A origem do município de Arapiraca data de 1848, quando o português Amaro da Silva Valente, morador no antigo Sítio Cacimbinhas, adquiriu uma propriedade e nele instalou a família de seu genro, Manoel André Correia, que se estabeleceu ás margens de uma lagoa de águas limpas cercada de árvores denominadas “arapiracas”.

Após alguns anos, diversos familiares vêm juntar-se á família, constituindo desta forma, o embrião de um primitivo núcleo comunitário. Todavia, foi a abertura da primeira trilha ligando á propriedade chamada Vila de Porto da Folha, atual Cidade de Traipu-AL, que o aglomerado começou a desenvolver-se e a assumir os contornos de povoado.

A partir de então, toda a produção agrícola da região, antes vendida apenas na feira da vizinha Lagoa dos Veados, passou a ser escoada até os povoados e lugarejos próximos a Traipu e daí até Penedo-AL, através do Rio São Francisco.

Em 1880, Arapiraca ganha novo impulso com a chegada de Esperidião Rodrigues da Silva, que, juntamente com Florêncio Apolinário, instala a primeira casa comercial no lugarejo. Decorridos quatro anos, já funcionavam no lugar, uma escola mista, sub-delegacia de polícia, feira livre, além de outras melhorias.

Nesta época, o povoado se firmou como passagem obrigatória dos que buscavam caminho mais curto para Penedo. Além do progresso econômico e comercial, Arapiraca começava a demonstrar sua força política e em 1892, elege Manoel Antônio Pereira Magalhães, sobrinho de Manoel André, intendente de Limoeiro de Anadia (este cargo era equivalente a prefeito).

Naquele ano foi instalada a agência dos Correios e o Primeiro Cartório de Registro Civil.
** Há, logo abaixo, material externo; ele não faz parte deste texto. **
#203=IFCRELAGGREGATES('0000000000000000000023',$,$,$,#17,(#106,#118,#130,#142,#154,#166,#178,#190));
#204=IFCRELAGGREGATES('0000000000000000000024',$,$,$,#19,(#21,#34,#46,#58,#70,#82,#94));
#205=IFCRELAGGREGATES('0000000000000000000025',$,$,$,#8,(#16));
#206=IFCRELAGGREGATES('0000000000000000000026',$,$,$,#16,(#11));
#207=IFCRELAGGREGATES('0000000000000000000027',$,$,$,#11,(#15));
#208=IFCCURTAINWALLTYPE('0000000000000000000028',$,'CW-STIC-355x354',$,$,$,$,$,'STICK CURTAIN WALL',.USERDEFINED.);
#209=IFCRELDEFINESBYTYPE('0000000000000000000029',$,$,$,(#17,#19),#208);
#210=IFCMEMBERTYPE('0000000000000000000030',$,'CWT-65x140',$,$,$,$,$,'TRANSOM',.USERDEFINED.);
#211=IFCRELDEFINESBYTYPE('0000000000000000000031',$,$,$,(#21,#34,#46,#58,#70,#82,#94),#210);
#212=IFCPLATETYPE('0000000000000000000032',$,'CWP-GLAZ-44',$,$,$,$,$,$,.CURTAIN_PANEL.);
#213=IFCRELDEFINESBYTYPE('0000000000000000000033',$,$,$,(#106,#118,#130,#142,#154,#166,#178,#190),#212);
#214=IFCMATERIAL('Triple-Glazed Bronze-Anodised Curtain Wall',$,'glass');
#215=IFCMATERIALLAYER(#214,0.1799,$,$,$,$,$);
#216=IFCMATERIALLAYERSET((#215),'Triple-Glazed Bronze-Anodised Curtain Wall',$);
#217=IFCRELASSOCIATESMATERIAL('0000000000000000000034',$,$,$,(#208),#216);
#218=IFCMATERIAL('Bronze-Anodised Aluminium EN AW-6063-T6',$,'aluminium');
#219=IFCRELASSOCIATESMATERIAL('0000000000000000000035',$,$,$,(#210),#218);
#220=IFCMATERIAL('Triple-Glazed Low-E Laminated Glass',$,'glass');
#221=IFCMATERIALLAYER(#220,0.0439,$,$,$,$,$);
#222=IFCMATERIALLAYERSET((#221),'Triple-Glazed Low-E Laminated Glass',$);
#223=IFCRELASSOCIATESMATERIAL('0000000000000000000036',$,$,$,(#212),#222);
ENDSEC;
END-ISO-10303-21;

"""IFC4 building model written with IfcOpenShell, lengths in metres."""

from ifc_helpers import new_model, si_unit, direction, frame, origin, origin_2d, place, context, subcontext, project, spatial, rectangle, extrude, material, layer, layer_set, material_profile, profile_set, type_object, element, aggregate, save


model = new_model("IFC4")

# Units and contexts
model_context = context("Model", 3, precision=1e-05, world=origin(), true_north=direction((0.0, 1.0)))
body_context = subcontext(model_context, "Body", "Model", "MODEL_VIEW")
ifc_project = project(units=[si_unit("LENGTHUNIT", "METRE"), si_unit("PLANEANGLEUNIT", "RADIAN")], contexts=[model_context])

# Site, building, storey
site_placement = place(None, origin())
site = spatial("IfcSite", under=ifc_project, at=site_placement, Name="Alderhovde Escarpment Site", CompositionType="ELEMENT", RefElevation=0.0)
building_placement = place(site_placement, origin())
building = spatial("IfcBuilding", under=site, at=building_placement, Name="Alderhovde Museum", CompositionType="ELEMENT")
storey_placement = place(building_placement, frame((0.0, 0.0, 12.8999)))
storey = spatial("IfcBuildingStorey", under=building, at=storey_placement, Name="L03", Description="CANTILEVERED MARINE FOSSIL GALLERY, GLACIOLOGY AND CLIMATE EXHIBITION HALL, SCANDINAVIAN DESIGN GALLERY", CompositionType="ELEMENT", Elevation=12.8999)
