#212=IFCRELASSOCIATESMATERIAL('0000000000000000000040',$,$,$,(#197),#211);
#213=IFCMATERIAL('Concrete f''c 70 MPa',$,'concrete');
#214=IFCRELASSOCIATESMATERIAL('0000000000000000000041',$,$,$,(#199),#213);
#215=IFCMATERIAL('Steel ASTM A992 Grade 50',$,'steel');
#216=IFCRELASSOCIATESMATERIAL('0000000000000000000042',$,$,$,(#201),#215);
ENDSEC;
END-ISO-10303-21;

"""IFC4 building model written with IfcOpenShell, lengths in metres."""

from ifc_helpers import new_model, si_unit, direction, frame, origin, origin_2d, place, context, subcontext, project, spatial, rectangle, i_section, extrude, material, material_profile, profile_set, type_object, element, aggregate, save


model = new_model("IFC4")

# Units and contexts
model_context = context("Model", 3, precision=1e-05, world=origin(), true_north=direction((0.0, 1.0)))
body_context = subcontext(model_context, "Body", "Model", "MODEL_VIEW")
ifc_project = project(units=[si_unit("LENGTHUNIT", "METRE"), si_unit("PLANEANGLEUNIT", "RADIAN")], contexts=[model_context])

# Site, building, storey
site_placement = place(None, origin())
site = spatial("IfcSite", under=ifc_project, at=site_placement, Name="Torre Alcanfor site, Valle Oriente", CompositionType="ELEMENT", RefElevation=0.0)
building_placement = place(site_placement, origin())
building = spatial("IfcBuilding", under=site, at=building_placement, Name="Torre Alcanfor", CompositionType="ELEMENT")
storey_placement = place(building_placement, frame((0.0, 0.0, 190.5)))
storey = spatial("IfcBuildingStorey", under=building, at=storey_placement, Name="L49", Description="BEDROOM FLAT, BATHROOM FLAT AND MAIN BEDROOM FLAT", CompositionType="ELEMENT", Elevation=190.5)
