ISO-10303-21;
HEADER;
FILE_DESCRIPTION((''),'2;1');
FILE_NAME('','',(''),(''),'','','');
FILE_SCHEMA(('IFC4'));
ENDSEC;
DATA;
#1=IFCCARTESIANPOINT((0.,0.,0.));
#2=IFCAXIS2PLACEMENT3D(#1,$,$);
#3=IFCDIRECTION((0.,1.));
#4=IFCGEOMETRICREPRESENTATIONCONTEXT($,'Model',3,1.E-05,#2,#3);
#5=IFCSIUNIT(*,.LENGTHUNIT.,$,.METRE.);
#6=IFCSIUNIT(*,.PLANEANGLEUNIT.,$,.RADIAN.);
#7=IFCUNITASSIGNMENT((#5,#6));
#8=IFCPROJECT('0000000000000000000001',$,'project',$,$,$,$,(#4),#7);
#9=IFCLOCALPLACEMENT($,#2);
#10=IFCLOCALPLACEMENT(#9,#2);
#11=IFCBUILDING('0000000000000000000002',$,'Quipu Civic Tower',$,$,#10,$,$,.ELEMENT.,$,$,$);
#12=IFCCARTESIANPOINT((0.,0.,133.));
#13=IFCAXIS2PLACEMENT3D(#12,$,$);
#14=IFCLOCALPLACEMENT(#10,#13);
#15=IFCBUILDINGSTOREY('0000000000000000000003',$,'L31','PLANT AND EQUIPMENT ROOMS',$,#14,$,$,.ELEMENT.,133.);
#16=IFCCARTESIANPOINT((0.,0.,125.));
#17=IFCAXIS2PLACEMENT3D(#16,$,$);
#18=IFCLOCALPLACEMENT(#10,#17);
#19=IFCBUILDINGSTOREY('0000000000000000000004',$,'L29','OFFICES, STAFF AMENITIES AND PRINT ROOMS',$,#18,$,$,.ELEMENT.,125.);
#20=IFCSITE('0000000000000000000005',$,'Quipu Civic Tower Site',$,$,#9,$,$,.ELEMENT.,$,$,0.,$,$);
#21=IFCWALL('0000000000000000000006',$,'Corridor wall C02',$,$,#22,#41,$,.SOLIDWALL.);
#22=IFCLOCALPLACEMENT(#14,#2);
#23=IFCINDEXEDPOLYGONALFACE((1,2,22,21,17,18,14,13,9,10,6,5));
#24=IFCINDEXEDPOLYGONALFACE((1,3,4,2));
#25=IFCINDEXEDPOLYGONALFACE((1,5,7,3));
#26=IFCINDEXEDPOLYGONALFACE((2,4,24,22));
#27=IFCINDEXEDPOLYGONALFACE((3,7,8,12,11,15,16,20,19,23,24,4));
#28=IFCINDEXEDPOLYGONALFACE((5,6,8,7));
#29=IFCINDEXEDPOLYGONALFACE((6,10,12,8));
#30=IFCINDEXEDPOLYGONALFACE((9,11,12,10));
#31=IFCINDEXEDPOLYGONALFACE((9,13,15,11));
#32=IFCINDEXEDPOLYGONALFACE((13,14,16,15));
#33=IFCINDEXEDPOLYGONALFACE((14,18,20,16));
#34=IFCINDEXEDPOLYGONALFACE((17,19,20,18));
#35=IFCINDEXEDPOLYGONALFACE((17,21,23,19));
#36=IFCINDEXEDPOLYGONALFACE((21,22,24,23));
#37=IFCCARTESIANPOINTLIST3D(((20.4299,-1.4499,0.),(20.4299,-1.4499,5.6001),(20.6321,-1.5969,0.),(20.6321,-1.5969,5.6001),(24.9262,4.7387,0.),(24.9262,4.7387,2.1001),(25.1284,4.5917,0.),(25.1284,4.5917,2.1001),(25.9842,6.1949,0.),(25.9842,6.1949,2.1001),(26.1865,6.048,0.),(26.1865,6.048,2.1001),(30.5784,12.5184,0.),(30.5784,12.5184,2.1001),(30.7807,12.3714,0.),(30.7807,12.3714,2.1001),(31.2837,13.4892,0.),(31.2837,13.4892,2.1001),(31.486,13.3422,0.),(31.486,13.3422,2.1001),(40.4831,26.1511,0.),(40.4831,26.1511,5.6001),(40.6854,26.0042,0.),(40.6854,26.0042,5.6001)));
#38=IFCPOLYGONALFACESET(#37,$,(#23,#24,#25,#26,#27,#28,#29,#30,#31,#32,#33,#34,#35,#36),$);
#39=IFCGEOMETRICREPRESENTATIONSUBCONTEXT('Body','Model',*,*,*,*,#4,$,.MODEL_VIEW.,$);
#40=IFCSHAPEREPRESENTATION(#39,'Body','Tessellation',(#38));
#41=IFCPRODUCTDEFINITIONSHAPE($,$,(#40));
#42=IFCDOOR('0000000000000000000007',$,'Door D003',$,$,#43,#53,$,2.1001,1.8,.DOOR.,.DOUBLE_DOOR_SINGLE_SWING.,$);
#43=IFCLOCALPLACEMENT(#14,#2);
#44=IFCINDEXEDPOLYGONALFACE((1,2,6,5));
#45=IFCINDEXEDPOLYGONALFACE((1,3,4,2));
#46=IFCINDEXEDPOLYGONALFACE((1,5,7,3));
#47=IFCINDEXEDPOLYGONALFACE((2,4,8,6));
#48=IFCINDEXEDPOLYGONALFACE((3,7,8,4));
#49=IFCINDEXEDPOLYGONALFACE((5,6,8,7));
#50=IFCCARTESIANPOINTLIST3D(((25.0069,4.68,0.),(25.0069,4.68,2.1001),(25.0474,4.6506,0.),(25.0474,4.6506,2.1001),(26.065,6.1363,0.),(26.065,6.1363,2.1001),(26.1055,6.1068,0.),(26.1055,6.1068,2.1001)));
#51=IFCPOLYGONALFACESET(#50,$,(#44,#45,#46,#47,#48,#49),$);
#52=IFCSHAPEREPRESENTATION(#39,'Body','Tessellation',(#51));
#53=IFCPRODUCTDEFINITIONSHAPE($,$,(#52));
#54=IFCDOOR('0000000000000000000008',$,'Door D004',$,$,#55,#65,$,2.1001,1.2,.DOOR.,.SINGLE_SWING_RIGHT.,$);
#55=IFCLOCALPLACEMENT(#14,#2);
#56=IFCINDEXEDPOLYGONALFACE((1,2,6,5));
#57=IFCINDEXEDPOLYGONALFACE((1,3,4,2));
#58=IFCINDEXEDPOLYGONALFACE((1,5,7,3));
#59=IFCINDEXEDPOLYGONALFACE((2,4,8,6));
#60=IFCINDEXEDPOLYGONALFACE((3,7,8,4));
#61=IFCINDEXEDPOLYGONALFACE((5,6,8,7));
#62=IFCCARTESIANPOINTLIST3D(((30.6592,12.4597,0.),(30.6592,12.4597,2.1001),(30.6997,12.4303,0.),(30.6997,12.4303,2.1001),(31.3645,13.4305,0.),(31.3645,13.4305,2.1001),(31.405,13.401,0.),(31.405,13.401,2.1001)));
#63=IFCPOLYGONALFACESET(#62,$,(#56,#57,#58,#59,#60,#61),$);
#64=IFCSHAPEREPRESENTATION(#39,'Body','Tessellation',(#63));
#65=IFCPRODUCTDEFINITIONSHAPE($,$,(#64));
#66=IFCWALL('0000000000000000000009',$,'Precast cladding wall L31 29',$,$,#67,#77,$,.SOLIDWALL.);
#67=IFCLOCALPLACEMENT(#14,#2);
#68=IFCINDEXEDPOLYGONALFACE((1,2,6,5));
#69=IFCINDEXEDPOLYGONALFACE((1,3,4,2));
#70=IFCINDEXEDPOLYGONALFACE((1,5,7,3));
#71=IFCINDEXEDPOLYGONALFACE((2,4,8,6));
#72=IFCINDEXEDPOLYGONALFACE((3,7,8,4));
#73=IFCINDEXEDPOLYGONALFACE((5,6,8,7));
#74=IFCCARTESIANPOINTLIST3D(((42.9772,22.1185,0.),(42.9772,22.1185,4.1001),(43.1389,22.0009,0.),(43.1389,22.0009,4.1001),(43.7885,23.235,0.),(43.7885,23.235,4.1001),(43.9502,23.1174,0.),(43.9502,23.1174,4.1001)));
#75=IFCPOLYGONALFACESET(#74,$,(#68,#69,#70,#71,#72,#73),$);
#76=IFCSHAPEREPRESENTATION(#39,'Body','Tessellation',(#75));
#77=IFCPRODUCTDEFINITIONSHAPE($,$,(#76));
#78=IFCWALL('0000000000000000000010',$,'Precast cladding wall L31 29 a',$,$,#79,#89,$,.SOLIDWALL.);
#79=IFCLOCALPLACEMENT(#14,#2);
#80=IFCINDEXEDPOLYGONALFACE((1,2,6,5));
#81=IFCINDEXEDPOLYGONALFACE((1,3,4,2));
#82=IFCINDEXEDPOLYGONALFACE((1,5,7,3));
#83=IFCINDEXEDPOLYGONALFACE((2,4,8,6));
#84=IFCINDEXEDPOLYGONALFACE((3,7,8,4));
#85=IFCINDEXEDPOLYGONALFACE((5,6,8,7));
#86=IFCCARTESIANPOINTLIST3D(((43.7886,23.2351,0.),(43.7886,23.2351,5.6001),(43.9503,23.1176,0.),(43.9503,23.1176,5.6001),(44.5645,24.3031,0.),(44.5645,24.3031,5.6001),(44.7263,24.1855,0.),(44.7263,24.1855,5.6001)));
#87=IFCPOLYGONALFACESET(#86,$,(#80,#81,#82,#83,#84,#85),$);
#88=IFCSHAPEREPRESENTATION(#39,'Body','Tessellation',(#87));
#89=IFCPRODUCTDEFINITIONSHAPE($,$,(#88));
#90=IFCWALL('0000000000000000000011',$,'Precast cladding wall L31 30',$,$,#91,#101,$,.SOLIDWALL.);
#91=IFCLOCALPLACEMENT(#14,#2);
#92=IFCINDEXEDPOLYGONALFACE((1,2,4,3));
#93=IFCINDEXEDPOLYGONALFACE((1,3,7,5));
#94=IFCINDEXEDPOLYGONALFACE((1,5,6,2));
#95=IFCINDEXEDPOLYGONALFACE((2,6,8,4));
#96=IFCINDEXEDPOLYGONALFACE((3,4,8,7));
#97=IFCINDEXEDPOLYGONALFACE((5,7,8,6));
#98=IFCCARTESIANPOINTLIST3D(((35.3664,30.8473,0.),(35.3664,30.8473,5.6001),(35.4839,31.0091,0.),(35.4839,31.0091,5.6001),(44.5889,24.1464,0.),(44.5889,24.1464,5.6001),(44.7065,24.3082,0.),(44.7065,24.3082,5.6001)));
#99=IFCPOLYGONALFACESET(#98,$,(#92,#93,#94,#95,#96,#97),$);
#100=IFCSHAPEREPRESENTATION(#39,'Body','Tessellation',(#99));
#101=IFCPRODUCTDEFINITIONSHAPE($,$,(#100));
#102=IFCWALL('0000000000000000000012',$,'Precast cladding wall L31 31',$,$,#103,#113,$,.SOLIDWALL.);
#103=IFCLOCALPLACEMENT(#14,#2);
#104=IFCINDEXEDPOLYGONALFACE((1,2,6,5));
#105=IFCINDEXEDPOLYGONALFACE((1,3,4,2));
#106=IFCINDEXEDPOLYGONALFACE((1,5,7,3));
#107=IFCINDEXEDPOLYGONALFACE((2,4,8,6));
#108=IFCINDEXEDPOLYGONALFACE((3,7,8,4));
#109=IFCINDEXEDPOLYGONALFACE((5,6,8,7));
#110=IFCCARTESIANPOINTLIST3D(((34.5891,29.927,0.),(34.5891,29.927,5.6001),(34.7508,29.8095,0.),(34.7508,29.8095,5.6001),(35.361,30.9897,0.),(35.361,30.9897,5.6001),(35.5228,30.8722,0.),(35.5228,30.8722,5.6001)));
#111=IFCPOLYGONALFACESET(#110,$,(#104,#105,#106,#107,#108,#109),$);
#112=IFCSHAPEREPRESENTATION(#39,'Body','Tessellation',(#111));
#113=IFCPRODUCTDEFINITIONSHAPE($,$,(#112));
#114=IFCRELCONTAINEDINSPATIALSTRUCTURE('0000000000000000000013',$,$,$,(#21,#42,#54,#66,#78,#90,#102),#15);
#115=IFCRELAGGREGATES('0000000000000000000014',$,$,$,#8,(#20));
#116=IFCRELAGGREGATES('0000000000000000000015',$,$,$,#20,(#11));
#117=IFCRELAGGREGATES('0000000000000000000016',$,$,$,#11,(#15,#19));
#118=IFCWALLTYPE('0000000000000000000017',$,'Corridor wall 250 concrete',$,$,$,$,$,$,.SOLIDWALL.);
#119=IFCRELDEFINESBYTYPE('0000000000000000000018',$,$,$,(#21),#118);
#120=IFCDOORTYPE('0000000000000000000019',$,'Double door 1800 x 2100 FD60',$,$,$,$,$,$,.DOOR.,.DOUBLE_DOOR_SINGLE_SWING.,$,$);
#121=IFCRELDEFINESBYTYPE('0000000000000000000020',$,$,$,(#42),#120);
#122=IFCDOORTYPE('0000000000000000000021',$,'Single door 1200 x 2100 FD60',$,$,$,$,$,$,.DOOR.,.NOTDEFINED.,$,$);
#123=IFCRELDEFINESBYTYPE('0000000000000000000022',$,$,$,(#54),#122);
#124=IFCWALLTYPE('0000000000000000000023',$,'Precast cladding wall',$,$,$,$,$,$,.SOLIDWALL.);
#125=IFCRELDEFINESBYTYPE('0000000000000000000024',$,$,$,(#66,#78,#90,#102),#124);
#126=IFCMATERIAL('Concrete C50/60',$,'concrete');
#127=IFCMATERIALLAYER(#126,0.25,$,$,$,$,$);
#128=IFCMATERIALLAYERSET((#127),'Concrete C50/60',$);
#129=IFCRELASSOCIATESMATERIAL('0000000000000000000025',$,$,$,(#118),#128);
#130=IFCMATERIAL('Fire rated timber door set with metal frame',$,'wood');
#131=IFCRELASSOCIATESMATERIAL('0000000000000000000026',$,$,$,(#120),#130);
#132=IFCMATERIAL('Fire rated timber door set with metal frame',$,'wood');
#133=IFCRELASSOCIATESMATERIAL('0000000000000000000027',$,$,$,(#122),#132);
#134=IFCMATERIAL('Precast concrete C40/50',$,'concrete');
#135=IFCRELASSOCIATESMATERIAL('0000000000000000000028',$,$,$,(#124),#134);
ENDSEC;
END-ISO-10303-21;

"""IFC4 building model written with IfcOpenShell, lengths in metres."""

from ifc_helpers import new_model, si_unit, direction, frame, frame_2d, origin, place, context, subcontext, project, spatial, rectangle, extrude, material, layer, layer_set, type_object, element, fill, save


model = new_model("IFC4")

# Units and contexts
model_context = context("Model", 3, precision=1e-05, world=origin(), true_north=direction((0.0, 1.0)))
body_context = subcontext(model_context, "Body", "Model", "MODEL_VIEW")
ifc_project = project(units=[si_unit("LENGTHUNIT", "METRE"), si_unit("PLANEANGLEUNIT", "RADIAN")], contexts=[model_context])

# Site, building, storey
site_placement = place(None, origin())
site = spatial("IfcSite", under=ifc_project, at=site_placement, Name="Quipu Civic Tower Site", CompositionType="ELEMENT", RefElevation=0.0)
building_placement = place(site_placement, origin())
building = spatial("IfcBuilding", under=site, at=building_placement, Name="Quipu Civic Tower", CompositionType="ELEMENT")
storey_1_placement = place(building_placement, frame((0.0, 0.0, 133.0)))
storey_1 = spatial("IfcBuildingStorey", under=building, at=storey_1_placement, Name="L31", Description="PLANT AND EQUIPMENT ROOMS", CompositionType="ELEMENT", Elevation=133.0)

# Shared definitions
storey_2_placement = place(building_placement, frame((0.0, 0.0, 125.0)))
storey_2 = spatial("IfcBuildingStorey", under=building, at=storey_2_placement, Name="L29", Description="OFFICES, STAFF AMENITIES AND PRINT ROOMS", CompositionType="ELEMENT", Elevation=125.0)

# Shared definitions
ifc_material_1 = material(Name="Concrete C50/60", Category="concrete")
ifc_layer_1 = layer(ifc_material_1, 0.25)
ifc_layer_set_1 = layer_set([ifc_layer_1], Name="Concrete C50/60")
wall_type_1 = type_object("IfcWallType", Name="Corridor wall 250 concrete", PredefinedType="SOLIDWALL", material=ifc_layer_set_1)

# Wall, openings, doors
wall_1_placement = place(storey_1_placement, frame((40.5842, 26.0776, 0.0), z_axis=(0.0, 0.0, 1.0), x_axis=(-0.587783, -0.809019, 0.0)))
wall_1 = element("IfcWall", 1, at=wall_1_placement, inside=storey_1, type_object=wall_type_1, Name="Corridor wall C02", PredefinedType="SOLIDWALL", context=body_context, shape_type="SweptSolid", body=[
    extrude(rectangle(XDim=34.1167, YDim=0.25, at=frame_2d((17.0583, 0.0))), origin(), (0.0, 0.0, 1.0), 5.6001),
])
opening_1_placement = place(wall_1_placement, frame((24.6672, 0.0, 0.0)))
opening_1 = element("IfcOpeningElement", 2, at=opening_1_placement, cuts=wall_1, PredefinedType="OPENING", context=body_context, shape_type="SweptSolid", body=[
    extrude(rectangle(XDim=1.8, YDim=2.1001, at=frame_2d((0.8999, 1.05))), frame((0.0, 0.135, 0.0), z_axis=(0.0, -1.0, 0.0), x_axis=(1.0, 0.0, 0.0)), (0.0, 0.0, 1.0), 0.27),
])
opening_2_placement = place(wall_1_placement, frame((15.6509, 0.0, 0.0)))
opening_2 = element("IfcOpeningElement", 3, at=opening_2_placement, cuts=wall_1, PredefinedType="OPENING", context=body_context, shape_type="SweptSolid", body=[
    extrude(rectangle(XDim=1.2, YDim=2.1001, at=frame_2d((0.6001, 1.05))), frame((0.0, 0.135, 0.0), z_axis=(0.0, -1.0, 0.0), x_axis=(1.0, 0.0, 0.0)), (0.0, 0.0, 1.0), 0.27),
])
ifc_material_2 = material(Name="Fire rated timber door set with metal frame", Category="wood")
Animados com o grande avanço da comunidade, o povo de Arapiraca começa a acalentar o desejo de ver o povoado emancipado politicamente.

Em 1918, ano que se implanta o Tiro de Guerra, desencadeia-se o movimento emancipatório que ganha contornos mais nítidos ao longo dos próximos seis anos. Em 1924, Esperidião Rodrigues vai a capital do Estado e após vários dias de investidas consegue em 30 de maio, através da Assembleia Legislativa, a aprovação do projeto de lei que reconhece como Município as terras de Arapiraca.

Em novembro do mesmo ano são eleitos os primeiros prefeitos, vice-prefeitos e conselheiros municipais, cabendo a Esperidião Rodrigues governar a nova cidade. O município progride e em 1944, assiste á criação da sua primeira Paróquia, instalada com a invocação de N. S. do Bom Conselho, subordinada á Diocese de Penedo/AL.